I have a recurring dream.
The circumstances are always different, but the underlying theme is always the same.
I'm supposed to be somewhere, and I'm not ready to go, and time is ticking away, and I'm supposed to pack -- or get dressed -- and a deadline looms. And I'm stressing ... and worrying ...
And then I wake up.
Every. single. time.
It's a stress dream, this I know. My version of the "public speaking in your underwear" or "showing up for the final and knowing you have no clue what class you are taking" dreams.
Sometimes I'm in a hotel and I know my plane takes off at 6 a.m. and it's 5:30 and I'm not even packed and ... oops.
Sometimes I'm in a dorm room and I'm leaving college to go home and I haven't packed up my stuff and my plane leaves in an hour and ... oops.

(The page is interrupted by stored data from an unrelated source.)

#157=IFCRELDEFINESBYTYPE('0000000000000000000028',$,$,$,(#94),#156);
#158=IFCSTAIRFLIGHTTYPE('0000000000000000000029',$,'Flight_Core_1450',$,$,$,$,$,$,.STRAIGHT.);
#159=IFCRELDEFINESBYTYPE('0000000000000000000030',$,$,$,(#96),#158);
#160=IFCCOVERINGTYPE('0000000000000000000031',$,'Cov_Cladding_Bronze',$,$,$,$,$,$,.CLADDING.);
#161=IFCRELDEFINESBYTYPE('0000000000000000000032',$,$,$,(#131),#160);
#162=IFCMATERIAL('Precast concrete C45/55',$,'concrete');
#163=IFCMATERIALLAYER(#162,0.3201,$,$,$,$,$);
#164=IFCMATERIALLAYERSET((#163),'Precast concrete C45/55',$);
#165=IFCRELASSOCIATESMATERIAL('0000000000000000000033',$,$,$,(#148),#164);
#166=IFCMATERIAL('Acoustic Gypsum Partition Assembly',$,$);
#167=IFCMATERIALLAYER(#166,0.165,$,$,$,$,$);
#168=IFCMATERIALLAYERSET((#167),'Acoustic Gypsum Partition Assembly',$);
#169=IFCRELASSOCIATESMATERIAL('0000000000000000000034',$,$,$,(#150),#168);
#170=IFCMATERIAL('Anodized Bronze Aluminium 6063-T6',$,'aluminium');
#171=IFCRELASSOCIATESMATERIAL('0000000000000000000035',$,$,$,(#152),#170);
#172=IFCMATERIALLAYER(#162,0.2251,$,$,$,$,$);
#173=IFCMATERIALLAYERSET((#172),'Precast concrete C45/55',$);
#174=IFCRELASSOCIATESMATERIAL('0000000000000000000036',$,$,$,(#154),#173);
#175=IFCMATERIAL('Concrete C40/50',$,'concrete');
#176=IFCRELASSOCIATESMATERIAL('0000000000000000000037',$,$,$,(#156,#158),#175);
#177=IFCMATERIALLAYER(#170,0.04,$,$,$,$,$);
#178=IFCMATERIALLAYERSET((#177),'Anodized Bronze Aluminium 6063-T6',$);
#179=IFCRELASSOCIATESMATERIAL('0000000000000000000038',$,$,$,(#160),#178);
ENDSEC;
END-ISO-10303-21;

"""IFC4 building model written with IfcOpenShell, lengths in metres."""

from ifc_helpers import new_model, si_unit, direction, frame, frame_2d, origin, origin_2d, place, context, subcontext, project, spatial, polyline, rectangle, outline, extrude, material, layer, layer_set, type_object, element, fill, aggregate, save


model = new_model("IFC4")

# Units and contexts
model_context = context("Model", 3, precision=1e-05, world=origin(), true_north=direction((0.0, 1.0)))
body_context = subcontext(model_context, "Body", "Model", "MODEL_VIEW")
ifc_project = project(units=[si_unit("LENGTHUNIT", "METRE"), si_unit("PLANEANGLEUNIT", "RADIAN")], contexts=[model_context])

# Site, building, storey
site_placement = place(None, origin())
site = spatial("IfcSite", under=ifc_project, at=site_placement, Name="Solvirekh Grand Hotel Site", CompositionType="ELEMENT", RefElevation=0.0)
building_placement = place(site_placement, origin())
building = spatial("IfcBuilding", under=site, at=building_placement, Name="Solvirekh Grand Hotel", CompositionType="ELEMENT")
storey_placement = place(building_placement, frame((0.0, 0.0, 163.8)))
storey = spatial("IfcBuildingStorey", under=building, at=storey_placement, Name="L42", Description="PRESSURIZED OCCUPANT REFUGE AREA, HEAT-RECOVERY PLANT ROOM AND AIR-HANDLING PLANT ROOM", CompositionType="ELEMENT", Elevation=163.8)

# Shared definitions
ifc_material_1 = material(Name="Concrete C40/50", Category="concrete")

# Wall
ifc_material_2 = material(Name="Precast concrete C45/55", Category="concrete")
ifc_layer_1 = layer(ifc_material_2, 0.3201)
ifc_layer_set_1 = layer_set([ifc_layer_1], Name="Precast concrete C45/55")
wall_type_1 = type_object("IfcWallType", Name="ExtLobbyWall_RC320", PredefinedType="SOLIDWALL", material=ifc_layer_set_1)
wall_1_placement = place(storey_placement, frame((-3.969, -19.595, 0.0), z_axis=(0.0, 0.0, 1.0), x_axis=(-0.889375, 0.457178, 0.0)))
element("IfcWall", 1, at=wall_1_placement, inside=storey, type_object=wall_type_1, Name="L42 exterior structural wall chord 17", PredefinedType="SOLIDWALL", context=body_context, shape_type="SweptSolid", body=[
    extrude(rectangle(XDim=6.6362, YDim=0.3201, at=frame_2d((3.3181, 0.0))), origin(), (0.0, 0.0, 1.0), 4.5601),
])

Sometimes I am supposed to be on stage with my chorus and I don't have my makeup and our call time is minutes from now and ... oops.
That was the dream I had the other night. We just came off of competition season for my chorus. In my dream, I knew I had to be onstage in 30 minutes, about 90 miles from home.
And I was still in my bedroom, looking for my mascara.
Somehow, though, I ended up in the auditorium, all dressed and made up, but as I rushed inside, the chorus had already taken the stage. I sat in the audience and sobbed.
And somehow, sitting next to me was my director, even though she actually would have been on stage directing my chorus mates.
In my dream, she put her arm around my shoulders and told me, "It's ok, you missed this one, but it's ok, don't worry."
If that had been real life, she would have ripped me a new orifice in my derriere for missing the performance, but never mind that part.
The important part -- in my opinion -- was this:
The dream was completed. I was late, I missed my deadlines, I was upset and beating myself up, but I didn't die and I was told that "it was ok."
What is different since the last time I had this dream?
I left the newspaper business. I left the stress behind. I found something that makes me happy.
And I brought closure to my recurring nightmare.
Ahhh. Life is good.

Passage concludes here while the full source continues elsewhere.